3.) Apply a design to a residential/commercial building site. Show the design and specifications of storm water retention recycling systems on elevation, floor plan, and building site drawings.

4.) Explain the change of design standards for municipalities. Over-capacity storm sewers, re-charging ground water, reducing amount of runoff into streams.

5.) Give a background on the measures used to help retention. Show statistics based on several projects throughout North America. Green roofs, roof rainwater storage units, rain gardens.

6.) Talk to engineers at work about their experience on design storm water retention systems for subdivisions and try to implement a design to a specific site.

7.) Read government reports on green roofs and their retention capabilities. Find effectiveness of cisterns, rain gardens. Look at comparison of roof storage tanks specs.

8.) Can alternate storm water management that is applied be effective, appealing, cost efficient? Cost/Benefit of retention based design vs. conventional storm sewers.

Special Problems:
1.) Environmental impacts of conventional storm sewers. Damage to streams and the habitat of wildlife depending on those streams is a major concern. Pollutants can enter the storm system with little or no treatment and into the streams.

2.) Cost of storm water retention systems.

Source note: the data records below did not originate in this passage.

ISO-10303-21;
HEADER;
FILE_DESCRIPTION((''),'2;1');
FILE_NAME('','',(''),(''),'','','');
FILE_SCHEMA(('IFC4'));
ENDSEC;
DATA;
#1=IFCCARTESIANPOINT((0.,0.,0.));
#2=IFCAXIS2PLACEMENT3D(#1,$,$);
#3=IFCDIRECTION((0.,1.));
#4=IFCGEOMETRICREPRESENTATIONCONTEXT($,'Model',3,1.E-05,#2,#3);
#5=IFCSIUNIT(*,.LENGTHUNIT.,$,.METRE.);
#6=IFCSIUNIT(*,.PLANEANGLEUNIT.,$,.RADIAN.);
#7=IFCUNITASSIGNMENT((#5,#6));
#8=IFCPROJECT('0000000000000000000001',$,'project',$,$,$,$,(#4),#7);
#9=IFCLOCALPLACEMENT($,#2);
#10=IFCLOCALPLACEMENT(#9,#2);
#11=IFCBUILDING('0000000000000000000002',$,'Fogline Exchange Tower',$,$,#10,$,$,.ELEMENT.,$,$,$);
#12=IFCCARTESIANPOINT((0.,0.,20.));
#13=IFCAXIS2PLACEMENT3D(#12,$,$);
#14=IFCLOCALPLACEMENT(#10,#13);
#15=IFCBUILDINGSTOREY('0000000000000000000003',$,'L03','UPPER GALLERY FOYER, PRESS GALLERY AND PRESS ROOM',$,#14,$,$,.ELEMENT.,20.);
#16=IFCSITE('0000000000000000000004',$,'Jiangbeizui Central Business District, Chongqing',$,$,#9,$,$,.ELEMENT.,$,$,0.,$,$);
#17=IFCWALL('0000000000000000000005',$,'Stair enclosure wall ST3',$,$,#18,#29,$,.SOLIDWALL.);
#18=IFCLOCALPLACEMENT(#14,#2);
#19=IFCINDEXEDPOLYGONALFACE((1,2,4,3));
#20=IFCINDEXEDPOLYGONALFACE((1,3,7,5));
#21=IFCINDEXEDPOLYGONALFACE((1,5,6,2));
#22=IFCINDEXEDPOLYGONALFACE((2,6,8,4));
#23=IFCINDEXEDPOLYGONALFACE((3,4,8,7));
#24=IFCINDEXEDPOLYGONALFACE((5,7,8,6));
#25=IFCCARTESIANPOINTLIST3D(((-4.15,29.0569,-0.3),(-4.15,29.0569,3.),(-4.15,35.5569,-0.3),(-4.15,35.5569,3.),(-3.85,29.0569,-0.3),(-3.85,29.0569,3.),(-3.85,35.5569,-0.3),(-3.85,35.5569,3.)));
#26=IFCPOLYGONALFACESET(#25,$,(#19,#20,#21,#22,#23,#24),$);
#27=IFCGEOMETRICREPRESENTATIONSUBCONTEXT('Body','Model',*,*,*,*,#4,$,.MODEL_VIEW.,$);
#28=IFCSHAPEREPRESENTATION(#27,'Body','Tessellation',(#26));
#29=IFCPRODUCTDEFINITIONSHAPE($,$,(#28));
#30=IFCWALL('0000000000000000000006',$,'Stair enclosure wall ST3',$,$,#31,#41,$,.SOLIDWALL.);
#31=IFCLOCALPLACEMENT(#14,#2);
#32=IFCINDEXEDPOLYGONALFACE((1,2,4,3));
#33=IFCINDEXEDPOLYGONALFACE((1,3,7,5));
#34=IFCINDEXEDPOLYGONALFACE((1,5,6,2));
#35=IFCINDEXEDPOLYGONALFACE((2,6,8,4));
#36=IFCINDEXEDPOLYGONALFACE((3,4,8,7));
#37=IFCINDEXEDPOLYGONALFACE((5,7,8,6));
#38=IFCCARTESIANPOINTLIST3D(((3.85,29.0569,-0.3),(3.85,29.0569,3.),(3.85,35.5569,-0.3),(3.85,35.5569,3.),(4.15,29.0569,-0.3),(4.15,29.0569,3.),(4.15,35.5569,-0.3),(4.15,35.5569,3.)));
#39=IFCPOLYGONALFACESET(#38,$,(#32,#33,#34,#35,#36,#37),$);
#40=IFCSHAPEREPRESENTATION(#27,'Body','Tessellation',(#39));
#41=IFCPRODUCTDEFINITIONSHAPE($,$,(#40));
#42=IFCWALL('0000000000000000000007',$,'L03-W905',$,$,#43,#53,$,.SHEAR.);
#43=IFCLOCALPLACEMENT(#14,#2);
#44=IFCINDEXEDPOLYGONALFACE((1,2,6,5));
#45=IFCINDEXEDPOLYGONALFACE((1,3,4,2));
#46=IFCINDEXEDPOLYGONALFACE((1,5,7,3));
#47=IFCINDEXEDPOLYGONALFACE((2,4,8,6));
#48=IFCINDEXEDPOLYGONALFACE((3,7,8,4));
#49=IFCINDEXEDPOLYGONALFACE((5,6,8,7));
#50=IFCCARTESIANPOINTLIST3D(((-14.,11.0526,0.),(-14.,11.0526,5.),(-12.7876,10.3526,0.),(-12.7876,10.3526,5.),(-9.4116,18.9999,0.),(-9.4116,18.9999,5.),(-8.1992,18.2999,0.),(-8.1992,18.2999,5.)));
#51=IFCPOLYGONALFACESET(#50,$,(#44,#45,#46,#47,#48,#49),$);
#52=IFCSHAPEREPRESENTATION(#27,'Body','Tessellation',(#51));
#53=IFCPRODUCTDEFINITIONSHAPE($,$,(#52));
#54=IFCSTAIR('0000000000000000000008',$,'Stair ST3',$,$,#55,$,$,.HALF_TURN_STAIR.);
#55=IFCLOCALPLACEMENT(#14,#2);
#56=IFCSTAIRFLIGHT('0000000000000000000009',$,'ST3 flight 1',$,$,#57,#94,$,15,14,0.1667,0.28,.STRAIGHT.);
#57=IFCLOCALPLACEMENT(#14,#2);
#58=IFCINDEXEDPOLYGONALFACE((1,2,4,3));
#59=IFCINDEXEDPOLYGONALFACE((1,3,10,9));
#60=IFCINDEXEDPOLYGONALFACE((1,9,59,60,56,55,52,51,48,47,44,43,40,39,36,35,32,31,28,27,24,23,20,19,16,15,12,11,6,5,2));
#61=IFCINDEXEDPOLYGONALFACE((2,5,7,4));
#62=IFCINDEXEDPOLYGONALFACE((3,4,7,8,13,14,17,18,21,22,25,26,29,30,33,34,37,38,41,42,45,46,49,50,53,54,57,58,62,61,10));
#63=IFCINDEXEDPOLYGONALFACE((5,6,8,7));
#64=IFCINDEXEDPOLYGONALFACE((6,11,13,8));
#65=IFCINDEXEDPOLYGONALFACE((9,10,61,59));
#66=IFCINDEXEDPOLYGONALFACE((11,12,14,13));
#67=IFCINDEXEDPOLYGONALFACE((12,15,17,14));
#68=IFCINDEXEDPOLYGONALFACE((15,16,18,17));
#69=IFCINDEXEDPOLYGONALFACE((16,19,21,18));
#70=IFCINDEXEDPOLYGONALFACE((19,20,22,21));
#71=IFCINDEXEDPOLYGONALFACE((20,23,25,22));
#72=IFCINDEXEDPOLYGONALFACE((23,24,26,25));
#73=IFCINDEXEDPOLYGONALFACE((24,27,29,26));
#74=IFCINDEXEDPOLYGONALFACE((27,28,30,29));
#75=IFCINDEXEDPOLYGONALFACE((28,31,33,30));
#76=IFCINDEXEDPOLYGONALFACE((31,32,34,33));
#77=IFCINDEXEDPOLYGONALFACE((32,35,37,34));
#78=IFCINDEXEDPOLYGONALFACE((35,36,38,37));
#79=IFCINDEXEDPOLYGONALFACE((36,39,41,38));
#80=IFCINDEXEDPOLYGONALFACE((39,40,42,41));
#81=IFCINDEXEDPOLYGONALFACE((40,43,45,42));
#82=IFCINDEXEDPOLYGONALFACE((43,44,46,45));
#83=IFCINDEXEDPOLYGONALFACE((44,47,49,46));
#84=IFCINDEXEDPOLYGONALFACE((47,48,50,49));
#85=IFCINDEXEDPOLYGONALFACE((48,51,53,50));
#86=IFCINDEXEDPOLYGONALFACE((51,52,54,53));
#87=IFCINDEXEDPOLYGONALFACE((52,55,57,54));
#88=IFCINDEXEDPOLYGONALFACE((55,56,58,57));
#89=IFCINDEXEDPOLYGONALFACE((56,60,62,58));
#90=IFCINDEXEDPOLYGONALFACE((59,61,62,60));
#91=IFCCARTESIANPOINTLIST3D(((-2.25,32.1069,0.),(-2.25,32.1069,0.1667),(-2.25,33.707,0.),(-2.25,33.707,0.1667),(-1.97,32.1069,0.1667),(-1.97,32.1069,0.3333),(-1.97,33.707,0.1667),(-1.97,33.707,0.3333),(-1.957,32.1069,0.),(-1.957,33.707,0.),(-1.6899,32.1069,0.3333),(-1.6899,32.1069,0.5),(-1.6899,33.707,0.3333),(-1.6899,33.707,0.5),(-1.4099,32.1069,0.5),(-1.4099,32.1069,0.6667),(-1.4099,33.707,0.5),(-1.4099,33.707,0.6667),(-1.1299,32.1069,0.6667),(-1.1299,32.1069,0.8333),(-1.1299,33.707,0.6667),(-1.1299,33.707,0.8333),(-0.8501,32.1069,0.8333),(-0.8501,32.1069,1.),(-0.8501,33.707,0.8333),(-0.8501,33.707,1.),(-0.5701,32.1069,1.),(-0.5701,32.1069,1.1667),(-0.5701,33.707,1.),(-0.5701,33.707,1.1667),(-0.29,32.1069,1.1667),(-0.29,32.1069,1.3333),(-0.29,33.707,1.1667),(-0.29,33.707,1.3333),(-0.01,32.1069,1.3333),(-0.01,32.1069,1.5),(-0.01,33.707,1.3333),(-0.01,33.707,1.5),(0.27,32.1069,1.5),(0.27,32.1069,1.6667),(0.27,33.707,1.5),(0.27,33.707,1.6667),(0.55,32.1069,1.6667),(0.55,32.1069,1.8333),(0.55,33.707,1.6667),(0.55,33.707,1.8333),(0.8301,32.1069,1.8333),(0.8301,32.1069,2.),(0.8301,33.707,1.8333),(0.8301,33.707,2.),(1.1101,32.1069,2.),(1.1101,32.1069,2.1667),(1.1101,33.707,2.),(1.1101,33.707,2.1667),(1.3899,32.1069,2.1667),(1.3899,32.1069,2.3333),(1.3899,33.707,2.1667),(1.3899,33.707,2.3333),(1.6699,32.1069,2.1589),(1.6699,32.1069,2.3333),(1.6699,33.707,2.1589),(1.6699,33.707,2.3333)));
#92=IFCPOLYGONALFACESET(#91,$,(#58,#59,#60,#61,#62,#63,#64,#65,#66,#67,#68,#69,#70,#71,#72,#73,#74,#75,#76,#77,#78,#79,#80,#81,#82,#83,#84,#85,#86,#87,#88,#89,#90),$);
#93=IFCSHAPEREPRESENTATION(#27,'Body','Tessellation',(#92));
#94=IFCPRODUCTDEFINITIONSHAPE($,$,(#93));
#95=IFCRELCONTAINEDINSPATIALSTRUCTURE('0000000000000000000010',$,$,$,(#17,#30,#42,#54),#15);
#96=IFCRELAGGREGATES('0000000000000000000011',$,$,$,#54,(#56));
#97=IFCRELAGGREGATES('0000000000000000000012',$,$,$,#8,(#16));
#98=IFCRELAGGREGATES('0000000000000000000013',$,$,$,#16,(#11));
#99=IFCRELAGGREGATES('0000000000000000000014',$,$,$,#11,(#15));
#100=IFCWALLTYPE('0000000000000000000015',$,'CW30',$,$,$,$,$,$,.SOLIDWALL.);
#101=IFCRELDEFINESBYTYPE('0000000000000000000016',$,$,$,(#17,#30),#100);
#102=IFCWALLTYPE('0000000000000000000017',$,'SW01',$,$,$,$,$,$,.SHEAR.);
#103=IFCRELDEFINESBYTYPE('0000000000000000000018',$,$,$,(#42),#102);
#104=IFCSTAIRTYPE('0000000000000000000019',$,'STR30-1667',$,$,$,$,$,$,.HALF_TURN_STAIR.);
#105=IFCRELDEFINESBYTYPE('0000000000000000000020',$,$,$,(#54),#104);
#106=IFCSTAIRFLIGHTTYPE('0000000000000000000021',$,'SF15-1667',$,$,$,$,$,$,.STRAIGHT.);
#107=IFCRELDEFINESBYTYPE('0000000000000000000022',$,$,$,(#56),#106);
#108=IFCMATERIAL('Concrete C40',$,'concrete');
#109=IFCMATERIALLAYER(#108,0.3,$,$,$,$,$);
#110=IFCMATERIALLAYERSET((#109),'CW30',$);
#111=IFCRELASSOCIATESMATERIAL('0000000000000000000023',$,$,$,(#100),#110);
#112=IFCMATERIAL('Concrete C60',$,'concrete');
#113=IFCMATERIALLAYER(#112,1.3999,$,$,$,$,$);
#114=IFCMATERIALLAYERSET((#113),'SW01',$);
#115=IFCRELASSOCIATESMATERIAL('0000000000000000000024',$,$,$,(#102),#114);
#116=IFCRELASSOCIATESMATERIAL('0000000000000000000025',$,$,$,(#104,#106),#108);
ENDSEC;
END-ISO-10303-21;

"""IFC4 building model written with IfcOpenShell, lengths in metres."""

from ifc_helpers import new_model, si_unit, direction, frame, frame_2d, origin, place, context, subcontext, project, spatial, polyline, rectangle, outline, extrude, material, layer, layer_set, type_object, element, aggregate, save


model = new_model("IFC4")

# Units and contexts
model_context = context("Model", 3, precision=1e-05, world=origin(), true_north=direction((0.0, 1.0)))
body_context = subcontext(model_context, "Body", "Model", "MODEL_VIEW")
ifc_project = project(units=[si_unit("LENGTHUNIT", "METRE"), si_unit("PLANEANGLEUNIT", "RADIAN")], contexts=[model_context])

# Site, building, storey
site_placement = place(None, origin())
site = spatial("IfcSite", under=ifc_project, at=site_placement, Name="Jiangbeizui Central Business District, Chongqing", CompositionType="ELEMENT", RefElevation=0.0)
building_placement = place(site_placement, origin())
building = spatial("IfcBuilding", under=site, at=building_placement, Name="Fogline Exchange Tower", CompositionType="ELEMENT")
storey_placement = place(building_placement, frame((0.0, 0.0, 20.0)))
storey = spatial("IfcBuildingStorey", under=building, at=storey_placement, Name="L03", Description="UPPER GALLERY FOYER, PRESS GALLERY AND PRESS ROOM", CompositionType="ELEMENT", Elevation=20.0)

# Shared definitions
ifc_material_1 = material(Name="Concrete C40", Category="concrete")

# Shared definitions
ifc_layer_1 = layer(ifc_material_1, 0.3)
ifc_layer_set_1 = layer_set([ifc_layer_1], Name="CW30")
wall_type_1 = type_object("IfcWallType", Name="CW30", PredefinedType="SOLIDWALL", material=ifc_layer_set_1)

# Walls
for number, where, z_axis, x_axis, name in (
    (1, (-4.0, 29.0569, -0.3), (0.0, 0.0, 1.0), (0.0, 1.0, 0.0), "Stair enclosure wall ST3"),
    (2, (4.0, 29.0569, -0.3), (0.0, 0.0, 1.0), (0.0, 1.0, 0.0), "Stair enclosure wall ST3"),
):
    element("IfcWall", number, at=place(storey_placement, frame(where, z_axis=z_axis, x_axis=x_axis)), inside=storey, type_object=wall_type_1, Name=name, PredefinedType="SOLIDWALL", context=body_context, shape_type="SweptSolid", body=[
        extrude(rectangle(XDim=6.5, YDim=0.3, at=frame_2d((3.25, 0.0))), origin(), (0.0, 0.0, 1.0), 3.3),
    ])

Does it cost more than conventional systems? Less? Do the benefits of a retention friendly system outweigh the cost? Should cost even be an issue?

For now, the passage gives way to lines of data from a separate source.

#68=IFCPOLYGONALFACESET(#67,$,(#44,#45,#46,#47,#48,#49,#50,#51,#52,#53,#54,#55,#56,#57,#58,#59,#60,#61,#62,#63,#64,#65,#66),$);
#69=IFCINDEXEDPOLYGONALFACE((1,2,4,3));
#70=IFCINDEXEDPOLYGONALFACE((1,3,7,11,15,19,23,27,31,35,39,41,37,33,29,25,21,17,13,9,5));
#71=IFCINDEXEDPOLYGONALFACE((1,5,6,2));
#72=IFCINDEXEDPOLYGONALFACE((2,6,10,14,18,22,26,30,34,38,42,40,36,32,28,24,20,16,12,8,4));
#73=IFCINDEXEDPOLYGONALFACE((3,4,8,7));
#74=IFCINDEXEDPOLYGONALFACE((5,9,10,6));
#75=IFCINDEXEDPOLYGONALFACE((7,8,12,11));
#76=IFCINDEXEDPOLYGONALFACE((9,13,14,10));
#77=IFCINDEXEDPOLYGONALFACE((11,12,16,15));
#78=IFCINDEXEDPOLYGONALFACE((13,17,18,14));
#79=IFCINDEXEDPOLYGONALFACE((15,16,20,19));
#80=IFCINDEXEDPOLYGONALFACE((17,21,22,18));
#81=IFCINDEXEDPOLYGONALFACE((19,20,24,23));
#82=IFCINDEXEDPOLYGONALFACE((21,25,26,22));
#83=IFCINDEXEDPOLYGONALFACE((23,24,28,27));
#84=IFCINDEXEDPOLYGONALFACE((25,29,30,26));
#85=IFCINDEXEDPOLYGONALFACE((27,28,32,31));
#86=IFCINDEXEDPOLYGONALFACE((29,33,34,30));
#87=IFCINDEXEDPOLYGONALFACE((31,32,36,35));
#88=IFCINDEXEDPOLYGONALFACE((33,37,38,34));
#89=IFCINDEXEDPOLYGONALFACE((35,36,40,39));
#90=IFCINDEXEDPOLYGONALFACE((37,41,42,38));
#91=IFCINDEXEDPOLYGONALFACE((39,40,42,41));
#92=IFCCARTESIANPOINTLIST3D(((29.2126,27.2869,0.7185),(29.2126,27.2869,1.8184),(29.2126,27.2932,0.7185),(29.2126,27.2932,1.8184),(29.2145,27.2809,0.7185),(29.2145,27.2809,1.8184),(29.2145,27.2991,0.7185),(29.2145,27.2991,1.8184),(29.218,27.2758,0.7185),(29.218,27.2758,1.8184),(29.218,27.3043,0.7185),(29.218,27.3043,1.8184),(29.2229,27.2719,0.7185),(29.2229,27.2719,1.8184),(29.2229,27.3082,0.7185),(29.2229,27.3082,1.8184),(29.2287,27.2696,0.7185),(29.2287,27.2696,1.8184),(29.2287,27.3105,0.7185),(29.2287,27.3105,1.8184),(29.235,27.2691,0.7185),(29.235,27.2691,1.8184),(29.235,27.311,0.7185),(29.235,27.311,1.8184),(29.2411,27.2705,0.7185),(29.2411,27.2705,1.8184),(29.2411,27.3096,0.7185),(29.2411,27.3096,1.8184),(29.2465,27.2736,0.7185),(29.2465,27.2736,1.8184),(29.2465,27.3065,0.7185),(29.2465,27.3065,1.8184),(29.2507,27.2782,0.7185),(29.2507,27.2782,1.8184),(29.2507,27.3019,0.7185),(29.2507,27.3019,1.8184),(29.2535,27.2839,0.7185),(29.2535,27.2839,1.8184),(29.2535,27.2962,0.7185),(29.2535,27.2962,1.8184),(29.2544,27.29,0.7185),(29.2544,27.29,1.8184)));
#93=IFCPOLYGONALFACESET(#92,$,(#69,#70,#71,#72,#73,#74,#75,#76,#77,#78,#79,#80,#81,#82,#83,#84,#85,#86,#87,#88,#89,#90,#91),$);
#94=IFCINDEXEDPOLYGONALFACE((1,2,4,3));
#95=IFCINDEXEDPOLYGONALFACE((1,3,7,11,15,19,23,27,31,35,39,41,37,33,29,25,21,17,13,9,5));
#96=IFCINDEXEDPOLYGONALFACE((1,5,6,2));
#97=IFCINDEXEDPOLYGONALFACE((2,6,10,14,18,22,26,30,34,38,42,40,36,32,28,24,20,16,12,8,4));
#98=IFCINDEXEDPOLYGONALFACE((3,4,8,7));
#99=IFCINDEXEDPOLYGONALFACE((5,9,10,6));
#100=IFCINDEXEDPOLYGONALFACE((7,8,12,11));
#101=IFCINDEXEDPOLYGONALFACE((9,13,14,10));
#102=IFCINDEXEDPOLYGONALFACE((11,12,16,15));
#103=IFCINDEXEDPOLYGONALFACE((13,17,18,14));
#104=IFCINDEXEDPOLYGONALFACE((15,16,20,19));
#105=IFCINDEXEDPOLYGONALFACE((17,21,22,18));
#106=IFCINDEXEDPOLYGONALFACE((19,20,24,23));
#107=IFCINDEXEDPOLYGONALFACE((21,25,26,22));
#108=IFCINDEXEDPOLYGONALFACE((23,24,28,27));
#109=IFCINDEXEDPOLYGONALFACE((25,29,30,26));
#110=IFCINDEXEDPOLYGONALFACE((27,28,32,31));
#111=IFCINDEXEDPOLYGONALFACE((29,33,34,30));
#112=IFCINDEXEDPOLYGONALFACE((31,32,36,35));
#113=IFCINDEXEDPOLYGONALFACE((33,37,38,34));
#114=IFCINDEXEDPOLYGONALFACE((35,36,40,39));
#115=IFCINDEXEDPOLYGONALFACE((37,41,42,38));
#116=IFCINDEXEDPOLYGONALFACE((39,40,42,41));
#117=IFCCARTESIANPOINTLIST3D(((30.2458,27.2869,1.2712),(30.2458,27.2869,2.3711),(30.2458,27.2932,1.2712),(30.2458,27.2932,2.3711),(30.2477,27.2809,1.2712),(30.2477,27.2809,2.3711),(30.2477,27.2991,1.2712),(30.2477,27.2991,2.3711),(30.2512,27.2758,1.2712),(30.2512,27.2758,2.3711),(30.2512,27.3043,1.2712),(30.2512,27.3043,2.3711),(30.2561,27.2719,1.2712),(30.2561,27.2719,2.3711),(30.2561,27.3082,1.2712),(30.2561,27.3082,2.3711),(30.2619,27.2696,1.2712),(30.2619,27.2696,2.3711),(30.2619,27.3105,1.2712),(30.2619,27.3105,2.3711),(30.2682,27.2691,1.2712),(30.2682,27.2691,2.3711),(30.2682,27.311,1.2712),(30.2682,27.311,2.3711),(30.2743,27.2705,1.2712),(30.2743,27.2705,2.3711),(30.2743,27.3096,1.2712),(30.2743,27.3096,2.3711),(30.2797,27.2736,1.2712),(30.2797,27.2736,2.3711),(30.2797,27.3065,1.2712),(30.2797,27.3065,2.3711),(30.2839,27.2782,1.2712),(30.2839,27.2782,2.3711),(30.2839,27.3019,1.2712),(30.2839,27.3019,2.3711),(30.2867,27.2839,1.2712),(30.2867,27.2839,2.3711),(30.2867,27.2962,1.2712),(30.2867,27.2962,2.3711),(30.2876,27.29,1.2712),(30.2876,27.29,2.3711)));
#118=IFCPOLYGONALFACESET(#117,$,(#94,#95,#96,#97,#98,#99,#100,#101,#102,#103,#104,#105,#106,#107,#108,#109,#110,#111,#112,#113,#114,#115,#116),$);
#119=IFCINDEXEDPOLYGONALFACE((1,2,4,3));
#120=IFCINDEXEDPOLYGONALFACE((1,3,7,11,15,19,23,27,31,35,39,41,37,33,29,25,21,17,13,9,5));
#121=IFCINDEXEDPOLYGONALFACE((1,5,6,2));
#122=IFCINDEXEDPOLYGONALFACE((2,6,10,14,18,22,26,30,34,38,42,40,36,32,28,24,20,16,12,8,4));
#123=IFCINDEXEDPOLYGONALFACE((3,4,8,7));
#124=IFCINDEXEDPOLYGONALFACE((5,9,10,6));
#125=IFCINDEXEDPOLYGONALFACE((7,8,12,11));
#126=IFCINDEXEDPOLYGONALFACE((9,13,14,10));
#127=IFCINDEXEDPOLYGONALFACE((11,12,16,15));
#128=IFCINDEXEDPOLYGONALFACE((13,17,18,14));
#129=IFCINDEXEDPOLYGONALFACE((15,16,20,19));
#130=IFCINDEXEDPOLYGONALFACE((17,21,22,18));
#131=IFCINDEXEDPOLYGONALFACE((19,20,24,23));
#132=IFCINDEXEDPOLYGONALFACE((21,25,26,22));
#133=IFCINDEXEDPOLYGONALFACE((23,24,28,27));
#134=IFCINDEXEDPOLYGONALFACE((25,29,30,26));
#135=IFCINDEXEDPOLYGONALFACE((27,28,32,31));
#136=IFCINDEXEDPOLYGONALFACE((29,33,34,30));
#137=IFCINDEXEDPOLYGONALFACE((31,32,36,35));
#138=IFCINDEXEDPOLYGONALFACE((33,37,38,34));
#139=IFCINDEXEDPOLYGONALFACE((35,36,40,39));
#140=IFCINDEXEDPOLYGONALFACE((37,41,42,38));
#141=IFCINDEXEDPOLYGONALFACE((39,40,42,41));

3.) Are retention measures effective? Show statistics of several projects throughout North America using retention systems and prove how they work. Draw a comparison between conventional sewers and retention systems.

4.) Where in North America will recycled storm retention systems be beneficial? Coastal regions, with large amounts of rainfall. Can these systems work in semi-arid regions, like Kamloops?

5.) How often do materials used in recycling practices need replacing? Do they wear down easily/need maintenance?

6.) Which methods of retention recycling are more effective? Does it matter on a given design? Can these methods be combined for a given project?

7.) How is greywater treated back into the building? What can this water be used for? What chemicals are used to clean the water?

Also:
1.) What scale of size should retention systems be to? Should rooftop storage tanks, rain gardens, and green roofs all be used in a single building?

2.) Performance of roof storm water retention tanks. What ones work better and take up less square footage to be effective enough?

3.) Rain gardens and above ground cisterns can promote growth to mosquito larva increasing the risk of West Nile virus. What measures are taken to prevent hatching? Sprinklers, additives to water?

4.) How can storm water retention recycled systems be integrated with other green technologies? Create hydro-electric energy with storm run-off?

5.) Calculating storm run-off flow. Manning’s equation or computer modeling techniques used in engineering offices to find out how much run-off will enter sewers and streams. Compare conventional sewer run-off to a recycling system.

6.) Do land values increase with implementation of greener storm water retention technology? Quality of life of those living in the building increase?